The U.S. on Wednesday authorized its first update to COVID-19 vaccines, booster doses that target today’s most common omicron strain. Shots could begin within days.
The move by the Food and Drug Administration tweaks the recipe of shots made by Pfizer and rival Moderna that already have saved millions of lives. The hope is that the modified boosters will blunt yet another winter surge.
“You’ll see me at the front of the line,” FDA vaccine chief Dr. Peter Marks told The Associated Press shortly before his agency cleared the new doses.
Until now, COVID-19 vaccines have targeted the original coronavirus strain, even as wildly different mutants emerged. The new U.S. boosters are combination, or “bivalent,” shots. They contain half that original vaccine recipe and half protection against the newest omicron versions, called BA.4 and BA.5, that are considered the most contagious yet.
The combination aims to increase cross-protection against multiple variants.

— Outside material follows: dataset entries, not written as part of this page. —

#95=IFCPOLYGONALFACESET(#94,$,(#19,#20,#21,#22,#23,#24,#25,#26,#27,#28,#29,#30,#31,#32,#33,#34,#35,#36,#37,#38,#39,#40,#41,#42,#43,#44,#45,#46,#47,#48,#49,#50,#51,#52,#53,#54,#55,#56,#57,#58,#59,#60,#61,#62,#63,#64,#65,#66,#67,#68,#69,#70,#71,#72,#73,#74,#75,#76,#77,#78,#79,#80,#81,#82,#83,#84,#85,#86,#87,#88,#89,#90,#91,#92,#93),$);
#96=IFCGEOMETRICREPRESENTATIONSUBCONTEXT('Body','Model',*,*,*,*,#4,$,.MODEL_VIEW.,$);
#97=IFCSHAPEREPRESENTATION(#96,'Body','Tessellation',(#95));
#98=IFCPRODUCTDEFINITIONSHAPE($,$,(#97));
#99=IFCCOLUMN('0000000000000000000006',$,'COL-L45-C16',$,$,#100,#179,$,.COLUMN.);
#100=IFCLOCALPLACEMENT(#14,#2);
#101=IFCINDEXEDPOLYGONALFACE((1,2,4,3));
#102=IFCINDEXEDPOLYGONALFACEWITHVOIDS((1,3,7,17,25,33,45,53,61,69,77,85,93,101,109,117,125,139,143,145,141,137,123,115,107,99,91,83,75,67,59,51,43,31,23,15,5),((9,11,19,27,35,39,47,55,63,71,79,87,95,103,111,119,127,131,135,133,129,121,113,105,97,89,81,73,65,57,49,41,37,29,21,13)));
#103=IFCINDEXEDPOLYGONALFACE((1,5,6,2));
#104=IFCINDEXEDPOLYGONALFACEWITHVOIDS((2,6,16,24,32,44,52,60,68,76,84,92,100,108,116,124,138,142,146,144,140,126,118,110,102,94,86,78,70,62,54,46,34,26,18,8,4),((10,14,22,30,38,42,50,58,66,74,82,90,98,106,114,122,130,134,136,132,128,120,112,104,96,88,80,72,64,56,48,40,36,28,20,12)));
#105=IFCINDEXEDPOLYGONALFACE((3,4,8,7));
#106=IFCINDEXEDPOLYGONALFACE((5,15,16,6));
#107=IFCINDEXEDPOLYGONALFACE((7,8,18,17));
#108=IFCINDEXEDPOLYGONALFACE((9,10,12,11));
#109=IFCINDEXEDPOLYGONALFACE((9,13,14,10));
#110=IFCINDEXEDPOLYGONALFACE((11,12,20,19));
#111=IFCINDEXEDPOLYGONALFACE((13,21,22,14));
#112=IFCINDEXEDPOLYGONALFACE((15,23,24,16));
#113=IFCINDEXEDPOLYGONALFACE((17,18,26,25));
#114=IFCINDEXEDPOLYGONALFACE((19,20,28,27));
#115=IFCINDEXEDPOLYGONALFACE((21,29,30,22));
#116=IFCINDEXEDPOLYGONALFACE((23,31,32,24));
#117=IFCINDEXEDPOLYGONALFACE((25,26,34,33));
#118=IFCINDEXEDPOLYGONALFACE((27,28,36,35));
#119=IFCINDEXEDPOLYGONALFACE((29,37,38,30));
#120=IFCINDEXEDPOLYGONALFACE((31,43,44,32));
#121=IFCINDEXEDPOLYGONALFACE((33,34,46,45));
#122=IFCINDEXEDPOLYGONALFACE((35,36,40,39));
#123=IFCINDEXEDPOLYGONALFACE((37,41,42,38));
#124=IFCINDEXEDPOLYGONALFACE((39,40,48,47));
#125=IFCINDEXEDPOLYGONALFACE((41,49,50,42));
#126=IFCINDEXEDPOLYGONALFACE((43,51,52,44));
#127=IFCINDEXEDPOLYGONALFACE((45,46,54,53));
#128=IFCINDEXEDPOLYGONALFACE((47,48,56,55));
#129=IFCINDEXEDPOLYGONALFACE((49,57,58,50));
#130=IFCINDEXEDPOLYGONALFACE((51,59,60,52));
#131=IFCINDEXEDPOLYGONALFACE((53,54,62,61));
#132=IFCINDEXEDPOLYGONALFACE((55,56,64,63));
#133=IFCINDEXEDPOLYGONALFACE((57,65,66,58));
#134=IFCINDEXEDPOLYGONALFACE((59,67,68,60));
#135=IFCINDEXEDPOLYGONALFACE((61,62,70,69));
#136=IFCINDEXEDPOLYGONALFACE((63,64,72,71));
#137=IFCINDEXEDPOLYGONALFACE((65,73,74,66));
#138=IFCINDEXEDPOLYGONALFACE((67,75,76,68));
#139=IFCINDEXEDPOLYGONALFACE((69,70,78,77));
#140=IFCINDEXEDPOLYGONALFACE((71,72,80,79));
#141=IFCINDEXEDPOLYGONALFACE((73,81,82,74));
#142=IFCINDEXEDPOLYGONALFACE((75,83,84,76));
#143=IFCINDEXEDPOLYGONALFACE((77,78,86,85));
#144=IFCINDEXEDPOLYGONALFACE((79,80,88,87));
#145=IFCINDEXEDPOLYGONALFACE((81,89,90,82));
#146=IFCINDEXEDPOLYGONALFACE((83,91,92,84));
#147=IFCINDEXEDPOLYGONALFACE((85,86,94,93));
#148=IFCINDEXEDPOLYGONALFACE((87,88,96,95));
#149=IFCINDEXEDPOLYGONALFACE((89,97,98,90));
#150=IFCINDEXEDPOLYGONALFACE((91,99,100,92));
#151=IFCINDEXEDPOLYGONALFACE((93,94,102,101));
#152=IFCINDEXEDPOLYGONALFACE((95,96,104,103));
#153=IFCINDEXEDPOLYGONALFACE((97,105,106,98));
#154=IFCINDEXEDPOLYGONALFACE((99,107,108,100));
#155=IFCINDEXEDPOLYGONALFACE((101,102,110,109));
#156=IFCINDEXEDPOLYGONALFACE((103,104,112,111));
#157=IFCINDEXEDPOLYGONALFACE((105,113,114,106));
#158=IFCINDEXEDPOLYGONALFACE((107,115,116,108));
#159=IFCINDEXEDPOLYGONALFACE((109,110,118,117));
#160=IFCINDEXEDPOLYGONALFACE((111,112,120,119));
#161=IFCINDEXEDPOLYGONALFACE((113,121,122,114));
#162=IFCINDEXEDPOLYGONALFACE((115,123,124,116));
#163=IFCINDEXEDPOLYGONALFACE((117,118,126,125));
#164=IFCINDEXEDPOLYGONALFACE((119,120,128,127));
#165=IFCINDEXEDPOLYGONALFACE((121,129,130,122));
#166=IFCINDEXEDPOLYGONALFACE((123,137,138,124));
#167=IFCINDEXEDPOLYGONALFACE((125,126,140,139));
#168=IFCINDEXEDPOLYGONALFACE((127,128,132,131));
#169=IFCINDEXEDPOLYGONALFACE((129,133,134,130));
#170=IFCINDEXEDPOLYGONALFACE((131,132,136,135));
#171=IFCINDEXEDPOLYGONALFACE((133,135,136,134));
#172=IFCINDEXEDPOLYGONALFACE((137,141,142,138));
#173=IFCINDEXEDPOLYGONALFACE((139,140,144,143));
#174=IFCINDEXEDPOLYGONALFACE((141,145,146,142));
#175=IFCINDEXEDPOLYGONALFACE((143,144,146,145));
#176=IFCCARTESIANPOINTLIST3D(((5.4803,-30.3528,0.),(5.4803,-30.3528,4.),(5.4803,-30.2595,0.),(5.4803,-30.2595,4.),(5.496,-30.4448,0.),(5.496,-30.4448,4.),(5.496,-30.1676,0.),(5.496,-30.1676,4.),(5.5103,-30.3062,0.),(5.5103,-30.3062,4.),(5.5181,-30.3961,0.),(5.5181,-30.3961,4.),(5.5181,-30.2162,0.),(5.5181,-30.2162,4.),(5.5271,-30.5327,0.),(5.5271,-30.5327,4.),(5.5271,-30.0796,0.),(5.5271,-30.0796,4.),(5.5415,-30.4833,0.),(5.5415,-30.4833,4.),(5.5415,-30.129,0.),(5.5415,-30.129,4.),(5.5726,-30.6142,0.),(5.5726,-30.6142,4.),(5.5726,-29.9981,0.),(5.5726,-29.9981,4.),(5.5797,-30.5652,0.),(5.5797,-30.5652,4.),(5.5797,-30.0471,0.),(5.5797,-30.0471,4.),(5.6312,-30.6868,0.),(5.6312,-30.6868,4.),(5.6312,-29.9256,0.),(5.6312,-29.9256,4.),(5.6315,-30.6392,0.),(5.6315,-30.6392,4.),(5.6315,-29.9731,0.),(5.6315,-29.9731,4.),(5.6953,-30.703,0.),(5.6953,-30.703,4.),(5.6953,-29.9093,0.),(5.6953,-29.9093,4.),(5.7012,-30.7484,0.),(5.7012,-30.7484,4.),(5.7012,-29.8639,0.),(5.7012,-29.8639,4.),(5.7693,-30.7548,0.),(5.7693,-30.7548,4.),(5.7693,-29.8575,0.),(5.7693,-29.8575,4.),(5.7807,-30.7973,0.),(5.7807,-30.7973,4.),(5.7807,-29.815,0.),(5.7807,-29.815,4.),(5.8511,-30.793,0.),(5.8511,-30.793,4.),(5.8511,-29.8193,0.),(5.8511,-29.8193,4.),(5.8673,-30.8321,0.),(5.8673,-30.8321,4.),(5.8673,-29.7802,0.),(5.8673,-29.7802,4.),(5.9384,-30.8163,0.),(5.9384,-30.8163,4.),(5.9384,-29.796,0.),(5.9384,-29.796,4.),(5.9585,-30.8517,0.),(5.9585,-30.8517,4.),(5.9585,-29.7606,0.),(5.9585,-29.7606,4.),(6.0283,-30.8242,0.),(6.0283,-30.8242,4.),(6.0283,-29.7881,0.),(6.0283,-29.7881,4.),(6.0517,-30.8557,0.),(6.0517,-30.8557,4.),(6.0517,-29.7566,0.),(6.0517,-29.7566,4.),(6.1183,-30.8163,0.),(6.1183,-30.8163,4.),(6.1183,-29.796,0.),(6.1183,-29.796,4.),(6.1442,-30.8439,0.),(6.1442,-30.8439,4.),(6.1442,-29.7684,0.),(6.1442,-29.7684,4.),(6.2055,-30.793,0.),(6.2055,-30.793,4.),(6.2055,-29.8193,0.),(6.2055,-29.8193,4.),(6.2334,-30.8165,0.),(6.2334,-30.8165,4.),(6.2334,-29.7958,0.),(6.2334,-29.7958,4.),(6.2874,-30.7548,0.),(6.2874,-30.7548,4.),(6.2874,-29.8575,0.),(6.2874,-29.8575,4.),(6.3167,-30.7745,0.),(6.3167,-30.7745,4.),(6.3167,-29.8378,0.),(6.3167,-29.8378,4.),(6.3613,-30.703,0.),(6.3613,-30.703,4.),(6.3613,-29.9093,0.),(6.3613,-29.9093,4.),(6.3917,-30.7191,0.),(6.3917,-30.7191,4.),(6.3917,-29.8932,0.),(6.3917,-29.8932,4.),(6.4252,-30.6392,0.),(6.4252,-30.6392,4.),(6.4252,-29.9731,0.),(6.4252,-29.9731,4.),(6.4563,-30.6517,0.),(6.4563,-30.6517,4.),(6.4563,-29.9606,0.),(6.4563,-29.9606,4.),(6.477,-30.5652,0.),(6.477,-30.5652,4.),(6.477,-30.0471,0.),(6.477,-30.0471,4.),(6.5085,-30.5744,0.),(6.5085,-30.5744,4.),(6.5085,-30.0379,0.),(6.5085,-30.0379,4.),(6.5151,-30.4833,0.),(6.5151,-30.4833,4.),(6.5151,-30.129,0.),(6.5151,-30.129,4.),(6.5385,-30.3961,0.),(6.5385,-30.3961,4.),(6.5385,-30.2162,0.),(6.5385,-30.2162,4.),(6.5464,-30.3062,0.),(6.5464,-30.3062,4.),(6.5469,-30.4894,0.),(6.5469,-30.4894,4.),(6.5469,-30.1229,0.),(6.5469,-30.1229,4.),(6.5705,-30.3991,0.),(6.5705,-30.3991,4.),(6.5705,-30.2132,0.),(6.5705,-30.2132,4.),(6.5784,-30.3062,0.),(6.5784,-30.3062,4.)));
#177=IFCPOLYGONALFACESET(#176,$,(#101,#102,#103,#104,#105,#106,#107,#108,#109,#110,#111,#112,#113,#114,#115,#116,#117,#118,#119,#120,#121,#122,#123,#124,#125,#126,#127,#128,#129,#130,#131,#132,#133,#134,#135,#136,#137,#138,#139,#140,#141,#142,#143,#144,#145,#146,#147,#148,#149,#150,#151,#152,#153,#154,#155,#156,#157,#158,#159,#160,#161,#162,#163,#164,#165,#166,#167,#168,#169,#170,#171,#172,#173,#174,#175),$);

“It really provides the broadest opportunity for protection,” Pfizer vaccine chief Annaliesa Anderson told the AP.
The updated boosters are only for people who have already had their primary vaccinations, using the original vaccines. Doses made by Pfizer and its partner BioNTech are for anyone 12 and older while Moderna’s updated shots are for adults—if it has been at least two months since their last primary vaccination or their latest booster. They’re not to be used for initial vaccinations.
There’s one more step before a fall booster campaign begins: The Centers for Disease Control and Prevention must recommend who should get the additional shot. An influential CDC advisory panel will debate the evidence Thursday—including whether people at high risk from COVID-19 should go first.
“As we head into fall and begin to spend more time indoors, we strongly encourage anyone who is eligible to consider receiving a booster dose with a bivalent COVID-19 vaccine to provide better protection against currently circulating variants,” FDA Commissioner Dr. Robert Califf said in a statement.
The U.S. has purchased more than 170 million doses from the two companies. Pfizer said it could ship up to 15 million of those doses by the end of next week.
The big question is whether people weary of vaccinations will roll up their sleeves again. Just half of vaccinated Americans got the first recommended booster dose, and only a third of those 50 and older who were urged to get a second booster did so.
It’s time for U.S. authorities to better explain that the public should expect an updated COVID-19 vaccination every so often, just like getting a fall flu shot or a tetanus booster after stepping on a rusty nail, said University of Pennsylvania immunologist E. John Wherry.
“We need to rebrand it in a societally normal-looking way,” rather than a panicked response to new mutants, Wherry said. “Give a clear, forward-looking set of expectations.”
Here’s the rub: The original vaccines still offer strong protection against severe disease and death from COVID-19 for most generally healthy people, especially if they got that important first booster dose. It’s not clear just how much more benefit an updated booster will bring—beyond a temporary jump in antibodies capable of fending off an omicron infection.
One reason: The FDA cleared the modifications ahead of studies in people, a step toward eventually handling COVID-19 vaccine updates more like yearly flu shots.
First, FDA checked human studies of earlier Pfizer and Moderna attempts to update their vaccines—shots matching the omicron strain that struck last winter. That recipe change was safe, and substantially boosted antibodies targeting the earlier variant—better than another dose of the original vaccine—while adding a little protection against today’s genetically distinct BA.4 and BA.5 omicron versions.
But FDA ordered the companies to brew even more up-to-date doses that target those newest omicron mutants instead, sparking a race to roll out shots in less than three months. Rather than waiting a few more months for additional human studies of that recipe tweak, Marks said animal tests showed the latest update spurs “a very good immune response.”
The hope, he said, is that a vaccine matched to currently spreading variants might do a better job fighting infection, not just serious illness, at least for a while.
What’s next? Even as modified shots roll out, Moderna and Pfizer are conducting human studies to help assess their value, including how they hold up if a new mutant comes along.
And for children, Pfizer plans to ask FDA to allow updated boosters for 5- to 11-year-olds in early October.
It’s the first U.S. update to the COVID-19 vaccine recipe, an important but expected next step—like how flu vaccines get updated every year.